Hyperpolarized 129Xe Gas Exchange Imaging of the Human Lung using IDEAL with Spiral k-space Sampling

Ozkan Doganay1,2, Mitchell Chen2, Tahreema Matin2, Marzia Rigolli3, Julie-Ann Phillips2, Anthony McIntyre2, and Fergus V. Gleeson1,2

1Department of Oncology, University of Oxford, Oxford, United Kingdom, 2Department of Radiology, The Churchill Hospital, Oxford, United Kingdom, 3Division of Cardiovascular Medicine, University of Oxford Centre for Clinical Magnetic Resonance Research, Oxford, United Kingdom

This proof of concept study describes implementation and analysis of an IDEAL (Iterative Decomposition of water and fat with Echo Asymmetry and Least-square estimation) based imaging technique for imaging hyperpolarized Xenon-129 (HPX) gas ventilation and dissolved phase compartments in human lungs.
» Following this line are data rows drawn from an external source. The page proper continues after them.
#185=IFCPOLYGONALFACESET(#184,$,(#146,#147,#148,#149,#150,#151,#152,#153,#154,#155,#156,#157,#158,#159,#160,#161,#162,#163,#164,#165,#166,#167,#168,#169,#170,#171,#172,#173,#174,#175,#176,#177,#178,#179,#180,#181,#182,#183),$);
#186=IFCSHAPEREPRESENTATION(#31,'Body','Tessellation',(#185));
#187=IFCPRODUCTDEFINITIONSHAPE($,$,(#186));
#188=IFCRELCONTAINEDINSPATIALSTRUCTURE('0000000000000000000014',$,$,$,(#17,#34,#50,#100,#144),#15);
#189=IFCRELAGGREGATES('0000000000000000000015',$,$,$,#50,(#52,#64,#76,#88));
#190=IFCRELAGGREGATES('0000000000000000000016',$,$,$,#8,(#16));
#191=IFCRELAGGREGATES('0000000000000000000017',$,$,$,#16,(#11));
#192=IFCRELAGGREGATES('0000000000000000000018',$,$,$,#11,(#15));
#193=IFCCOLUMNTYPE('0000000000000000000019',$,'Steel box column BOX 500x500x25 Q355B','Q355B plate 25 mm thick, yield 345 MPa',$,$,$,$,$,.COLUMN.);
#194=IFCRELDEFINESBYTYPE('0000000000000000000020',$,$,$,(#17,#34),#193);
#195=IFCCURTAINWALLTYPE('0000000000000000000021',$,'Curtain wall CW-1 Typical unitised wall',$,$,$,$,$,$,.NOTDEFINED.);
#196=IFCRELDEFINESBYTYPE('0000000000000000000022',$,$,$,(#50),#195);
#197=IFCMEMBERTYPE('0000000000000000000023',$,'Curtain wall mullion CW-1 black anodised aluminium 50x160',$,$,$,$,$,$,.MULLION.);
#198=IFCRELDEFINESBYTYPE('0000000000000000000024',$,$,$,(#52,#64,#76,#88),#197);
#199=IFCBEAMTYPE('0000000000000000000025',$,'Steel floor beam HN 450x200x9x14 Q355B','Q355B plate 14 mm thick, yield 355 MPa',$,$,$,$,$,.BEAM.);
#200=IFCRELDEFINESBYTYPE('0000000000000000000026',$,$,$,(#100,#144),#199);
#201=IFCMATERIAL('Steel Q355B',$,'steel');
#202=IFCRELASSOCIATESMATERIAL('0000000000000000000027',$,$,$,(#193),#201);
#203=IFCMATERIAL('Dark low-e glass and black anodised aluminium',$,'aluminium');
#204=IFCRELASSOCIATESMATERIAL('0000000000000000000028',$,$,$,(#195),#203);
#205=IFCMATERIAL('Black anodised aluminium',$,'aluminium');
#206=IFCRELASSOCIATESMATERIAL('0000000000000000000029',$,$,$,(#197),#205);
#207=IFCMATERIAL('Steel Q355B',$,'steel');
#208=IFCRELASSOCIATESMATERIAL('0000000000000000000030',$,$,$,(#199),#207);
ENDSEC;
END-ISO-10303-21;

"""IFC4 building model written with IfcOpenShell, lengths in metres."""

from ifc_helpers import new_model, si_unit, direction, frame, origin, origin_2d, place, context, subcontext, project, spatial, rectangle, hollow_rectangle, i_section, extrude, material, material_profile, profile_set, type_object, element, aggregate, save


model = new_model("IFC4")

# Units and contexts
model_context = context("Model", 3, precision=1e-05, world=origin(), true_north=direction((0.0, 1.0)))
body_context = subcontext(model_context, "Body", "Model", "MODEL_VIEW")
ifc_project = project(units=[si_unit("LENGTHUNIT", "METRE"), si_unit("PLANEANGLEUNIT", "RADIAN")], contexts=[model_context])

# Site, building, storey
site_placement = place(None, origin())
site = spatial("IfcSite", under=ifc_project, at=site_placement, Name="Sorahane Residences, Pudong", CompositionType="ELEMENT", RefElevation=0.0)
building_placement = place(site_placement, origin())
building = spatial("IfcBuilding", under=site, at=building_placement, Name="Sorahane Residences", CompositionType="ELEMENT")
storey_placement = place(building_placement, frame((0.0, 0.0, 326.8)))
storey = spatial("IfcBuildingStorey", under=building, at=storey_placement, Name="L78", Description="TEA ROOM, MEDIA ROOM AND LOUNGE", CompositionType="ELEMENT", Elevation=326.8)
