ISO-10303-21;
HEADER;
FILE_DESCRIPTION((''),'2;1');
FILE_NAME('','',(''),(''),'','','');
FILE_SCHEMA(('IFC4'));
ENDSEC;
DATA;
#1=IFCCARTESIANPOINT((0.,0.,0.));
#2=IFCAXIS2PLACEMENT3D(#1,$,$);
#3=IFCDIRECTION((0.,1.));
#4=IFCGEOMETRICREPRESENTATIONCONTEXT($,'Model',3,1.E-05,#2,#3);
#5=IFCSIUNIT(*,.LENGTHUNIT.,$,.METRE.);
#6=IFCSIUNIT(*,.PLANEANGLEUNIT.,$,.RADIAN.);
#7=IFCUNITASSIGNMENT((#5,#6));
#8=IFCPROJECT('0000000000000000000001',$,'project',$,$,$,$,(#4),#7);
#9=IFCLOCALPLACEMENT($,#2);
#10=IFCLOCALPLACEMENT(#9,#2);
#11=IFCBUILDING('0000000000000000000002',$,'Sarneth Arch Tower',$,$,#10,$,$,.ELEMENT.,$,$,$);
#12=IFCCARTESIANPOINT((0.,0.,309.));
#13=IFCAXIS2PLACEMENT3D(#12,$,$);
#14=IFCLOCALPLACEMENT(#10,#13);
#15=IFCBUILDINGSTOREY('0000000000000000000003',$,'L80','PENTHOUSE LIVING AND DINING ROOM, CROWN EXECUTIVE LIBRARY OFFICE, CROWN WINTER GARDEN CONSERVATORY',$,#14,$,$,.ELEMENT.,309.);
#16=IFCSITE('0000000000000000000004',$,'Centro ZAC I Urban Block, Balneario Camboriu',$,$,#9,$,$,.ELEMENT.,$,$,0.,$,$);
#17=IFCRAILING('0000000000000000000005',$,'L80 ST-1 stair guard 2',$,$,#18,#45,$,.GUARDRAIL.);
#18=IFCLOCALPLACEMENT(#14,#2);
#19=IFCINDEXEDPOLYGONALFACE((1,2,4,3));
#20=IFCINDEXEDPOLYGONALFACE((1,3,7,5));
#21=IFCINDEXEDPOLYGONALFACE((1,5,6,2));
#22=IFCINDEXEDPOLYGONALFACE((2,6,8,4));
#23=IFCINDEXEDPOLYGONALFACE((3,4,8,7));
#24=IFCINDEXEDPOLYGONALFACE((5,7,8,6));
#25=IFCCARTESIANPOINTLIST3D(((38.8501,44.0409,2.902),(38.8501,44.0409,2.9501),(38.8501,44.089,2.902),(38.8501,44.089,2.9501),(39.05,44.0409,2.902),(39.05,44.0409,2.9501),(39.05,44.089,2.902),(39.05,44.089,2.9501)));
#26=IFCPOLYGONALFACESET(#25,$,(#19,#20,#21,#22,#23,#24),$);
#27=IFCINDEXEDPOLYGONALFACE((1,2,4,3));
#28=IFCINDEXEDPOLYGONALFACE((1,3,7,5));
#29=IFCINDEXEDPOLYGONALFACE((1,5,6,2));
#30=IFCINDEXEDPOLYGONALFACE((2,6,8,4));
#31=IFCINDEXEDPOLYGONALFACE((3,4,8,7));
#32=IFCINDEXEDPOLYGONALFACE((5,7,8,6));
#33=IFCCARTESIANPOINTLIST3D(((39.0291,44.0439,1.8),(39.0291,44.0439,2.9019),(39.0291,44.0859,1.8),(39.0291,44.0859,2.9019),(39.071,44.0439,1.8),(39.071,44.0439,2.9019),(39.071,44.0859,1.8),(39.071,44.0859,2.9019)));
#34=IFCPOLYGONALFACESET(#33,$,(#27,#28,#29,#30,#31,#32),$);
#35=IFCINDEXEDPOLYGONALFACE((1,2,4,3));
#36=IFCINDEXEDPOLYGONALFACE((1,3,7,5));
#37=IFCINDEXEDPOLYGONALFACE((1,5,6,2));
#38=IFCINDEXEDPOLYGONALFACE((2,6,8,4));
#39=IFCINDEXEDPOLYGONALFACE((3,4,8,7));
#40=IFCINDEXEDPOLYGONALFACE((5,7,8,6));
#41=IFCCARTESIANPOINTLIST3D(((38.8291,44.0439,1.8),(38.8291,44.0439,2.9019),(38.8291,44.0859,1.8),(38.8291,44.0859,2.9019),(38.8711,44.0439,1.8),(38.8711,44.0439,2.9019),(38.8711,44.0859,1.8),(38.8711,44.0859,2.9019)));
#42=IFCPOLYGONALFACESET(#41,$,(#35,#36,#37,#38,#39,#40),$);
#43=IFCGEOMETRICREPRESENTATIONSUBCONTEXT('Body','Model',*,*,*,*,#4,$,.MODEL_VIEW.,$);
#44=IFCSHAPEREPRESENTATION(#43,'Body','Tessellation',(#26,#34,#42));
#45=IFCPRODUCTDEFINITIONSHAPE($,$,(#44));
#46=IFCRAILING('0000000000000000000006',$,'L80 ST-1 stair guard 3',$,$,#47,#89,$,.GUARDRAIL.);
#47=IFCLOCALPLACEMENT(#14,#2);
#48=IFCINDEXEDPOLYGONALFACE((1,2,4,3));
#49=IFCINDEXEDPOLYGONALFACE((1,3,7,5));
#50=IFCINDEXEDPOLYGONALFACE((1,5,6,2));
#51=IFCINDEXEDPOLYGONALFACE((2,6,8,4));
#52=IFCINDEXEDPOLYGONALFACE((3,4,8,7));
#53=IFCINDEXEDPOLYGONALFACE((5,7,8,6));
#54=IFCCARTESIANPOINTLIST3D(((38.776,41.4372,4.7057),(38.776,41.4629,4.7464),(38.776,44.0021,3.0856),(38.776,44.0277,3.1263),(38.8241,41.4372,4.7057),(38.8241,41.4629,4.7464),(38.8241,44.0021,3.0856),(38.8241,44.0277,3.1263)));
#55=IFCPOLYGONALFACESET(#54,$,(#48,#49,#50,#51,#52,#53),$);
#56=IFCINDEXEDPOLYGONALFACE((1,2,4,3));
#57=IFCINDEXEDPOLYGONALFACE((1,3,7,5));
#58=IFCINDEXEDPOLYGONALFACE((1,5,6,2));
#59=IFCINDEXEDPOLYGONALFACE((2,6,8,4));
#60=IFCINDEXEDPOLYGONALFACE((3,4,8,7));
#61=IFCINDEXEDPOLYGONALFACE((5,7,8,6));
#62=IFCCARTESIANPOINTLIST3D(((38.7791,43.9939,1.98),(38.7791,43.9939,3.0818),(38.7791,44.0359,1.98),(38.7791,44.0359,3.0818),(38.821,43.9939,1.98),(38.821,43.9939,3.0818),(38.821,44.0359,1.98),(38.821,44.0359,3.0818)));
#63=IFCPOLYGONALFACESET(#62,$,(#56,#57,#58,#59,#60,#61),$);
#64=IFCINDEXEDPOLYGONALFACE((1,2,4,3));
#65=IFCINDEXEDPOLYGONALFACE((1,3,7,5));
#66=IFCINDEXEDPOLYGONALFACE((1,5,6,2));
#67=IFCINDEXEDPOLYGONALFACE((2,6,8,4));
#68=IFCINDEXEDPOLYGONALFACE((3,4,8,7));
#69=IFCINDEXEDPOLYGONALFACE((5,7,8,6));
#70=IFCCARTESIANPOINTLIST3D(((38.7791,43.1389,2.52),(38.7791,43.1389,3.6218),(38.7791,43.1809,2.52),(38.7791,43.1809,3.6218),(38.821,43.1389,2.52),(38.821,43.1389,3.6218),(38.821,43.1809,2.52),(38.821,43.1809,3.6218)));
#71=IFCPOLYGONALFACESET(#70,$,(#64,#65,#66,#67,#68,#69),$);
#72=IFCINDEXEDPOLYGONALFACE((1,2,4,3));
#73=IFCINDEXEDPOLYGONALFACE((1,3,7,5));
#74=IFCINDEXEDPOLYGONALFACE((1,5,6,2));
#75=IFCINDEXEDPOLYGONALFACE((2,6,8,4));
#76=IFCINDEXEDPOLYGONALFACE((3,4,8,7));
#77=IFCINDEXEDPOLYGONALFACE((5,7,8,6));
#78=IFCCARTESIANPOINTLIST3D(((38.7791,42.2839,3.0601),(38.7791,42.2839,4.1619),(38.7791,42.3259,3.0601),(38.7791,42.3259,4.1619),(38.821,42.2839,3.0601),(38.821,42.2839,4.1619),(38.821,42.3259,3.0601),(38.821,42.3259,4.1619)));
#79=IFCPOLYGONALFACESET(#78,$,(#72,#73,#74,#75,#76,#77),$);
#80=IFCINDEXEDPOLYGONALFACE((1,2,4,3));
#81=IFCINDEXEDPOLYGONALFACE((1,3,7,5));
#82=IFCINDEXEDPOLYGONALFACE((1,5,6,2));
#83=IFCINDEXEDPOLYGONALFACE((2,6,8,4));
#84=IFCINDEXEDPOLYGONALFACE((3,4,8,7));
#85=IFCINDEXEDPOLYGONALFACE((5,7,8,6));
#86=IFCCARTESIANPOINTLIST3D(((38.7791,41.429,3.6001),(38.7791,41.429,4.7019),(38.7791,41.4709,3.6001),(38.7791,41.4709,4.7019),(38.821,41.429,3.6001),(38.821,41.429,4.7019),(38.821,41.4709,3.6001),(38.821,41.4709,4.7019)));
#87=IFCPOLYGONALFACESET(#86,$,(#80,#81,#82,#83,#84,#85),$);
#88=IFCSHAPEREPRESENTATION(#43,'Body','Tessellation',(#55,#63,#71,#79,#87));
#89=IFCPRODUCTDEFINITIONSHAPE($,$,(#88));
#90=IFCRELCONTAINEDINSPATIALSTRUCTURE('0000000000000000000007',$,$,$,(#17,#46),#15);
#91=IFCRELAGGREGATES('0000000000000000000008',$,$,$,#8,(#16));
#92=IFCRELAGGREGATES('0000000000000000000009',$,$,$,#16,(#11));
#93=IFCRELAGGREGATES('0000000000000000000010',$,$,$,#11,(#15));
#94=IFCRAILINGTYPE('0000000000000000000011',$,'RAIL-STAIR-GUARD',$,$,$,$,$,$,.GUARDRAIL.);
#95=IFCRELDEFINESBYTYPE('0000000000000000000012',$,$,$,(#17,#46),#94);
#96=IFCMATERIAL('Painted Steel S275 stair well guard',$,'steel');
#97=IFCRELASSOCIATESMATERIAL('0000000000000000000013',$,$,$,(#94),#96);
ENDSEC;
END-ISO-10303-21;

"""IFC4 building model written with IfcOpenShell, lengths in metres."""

from ifc_helpers import new_model, si_unit, direction, frame, origin, origin_2d, place, context, subcontext, project, spatial, rectangle, extrude, material, type_object, element, save


model = new_model("IFC4")

# Units and contexts
model_context = context("Model", 3, precision=1e-05, world=origin(), true_north=direction((0.0, 1.0)))
body_context = subcontext(model_context, "Body", "Model", "MODEL_VIEW")
ifc_project = project(units=[si_unit("LENGTHUNIT", "METRE"), si_unit("PLANEANGLEUNIT", "RADIAN")], contexts=[model_context])

# Site, building, storey
site_placement = place(None, origin())
site = spatial("IfcSite", under=ifc_project, at=site_placement, Name="Centro ZAC I Urban Block, Balneario Camboriu", CompositionType="ELEMENT", RefElevation=0.0)
building_placement = place(site_placement, origin())
building = spatial("IfcBuilding", under=site, at=building_placement, Name="Sarneth Arch Tower", CompositionType="ELEMENT")
storey_placement = place(building_placement, frame((0.0, 0.0, 309.0)))
storey = spatial("IfcBuildingStorey", under=building, at=storey_placement, Name="L80", Description="PENTHOUSE LIVING AND DINING ROOM, CROWN EXECUTIVE LIBRARY OFFICE, CROWN WINTER GARDEN CONSERVATORY", CompositionType="ELEMENT", Elevation=309.0)

# Railings
ifc_material_1 = material(Name="Painted Steel S275 stair well guard", Category="steel")
railing_type_1 = type_object("IfcRailingType", Name="RAIL-STAIR-GUARD", PredefinedType="GUARDRAIL", material=ifc_material_1)
railing_1_placement = place(storey_placement, frame((39.05, 44.0649, 1.8)))
element("IfcRailing", 1, at=railing_1_placement, inside=storey, type_object=railing_type_1, Name="L80 ST-1 stair guard 2", PredefinedType="GUARDRAIL", context=body_context, shape_type="SweptSolid", body=[
    extrude(rectangle(XDim=0.0481, YDim=0.0481, at=origin_2d()), frame((0.0, 0.0, 1.126), z_axis=(-1.0, 0.0, 0.0), x_axis=(0.0, -1.0, 0.0)), (0.0, 0.0, 1.0), 0.2),
    extrude(rectangle(XDim=0.042, YDim=0.042, at=origin_2d()), origin(), (0.0, 0.0, 1.0), 1.1018),
    extrude(rectangle(XDim=0.042, YDim=0.042, at=origin_2d()), frame((-0.2, 0.0, 0.0)), (0.0, 0.0, 1.0), 1.1018),
])
railing_2_placement = place(storey_placement, frame((38.8, 44.0149, 1.98)))
element("IfcRailing", 2, at=railing_2_placement, inside=storey, type_object=railing_type_1, Name="L80 ST-1 stair guard 3", PredefinedType="GUARDRAIL", context=body_context, shape_type="SweptSolid", body=[
    extrude(rectangle(XDim=0.0481, YDim=0.0481, at=origin_2d()), frame((0.0, 0.0, 1.126), z_axis=(0.0, -0.845466, 0.534029), x_axis=(1.0, 0.0, 0.0)), (0.0, 0.0, 1.0), 3.0337),
    extrude(rectangle(XDim=0.042, YDim=0.042, at=origin_2d()), origin(), (0.0, 0.0, 1.0), 1.1018),
    extrude(rectangle(XDim=0.042, YDim=0.042, at=origin_2d()), frame((0.0, -0.855, 0.54)), (0.0, 0.0, 1.0), 1.1018),
    extrude(rectangle(XDim=0.042, YDim=0.042, at=origin_2d()), frame((0.0, -1.71, 1.0801)), (0.0, 0.0, 1.0), 1.1018),
    extrude(rectangle(XDim=0.042, YDim=0.042, at=origin_2d()), frame((0.0, -2.5649, 1.6201)), (0.0, 0.0, 1.0), 1.1018),
])

save(model, "model.ifc")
The time-series IDEAL imaging approach was tested in a healthy subject corroborating with Bloch equations and a numerical gas-exchange model showing that HPX gas ventilation and dissolved phase compartment images can be obtained, and the gas-transfer dynamics can be measured, in a single breath-hold interval of 8 seconds using 1L of HPX gas with polarization of ~10%.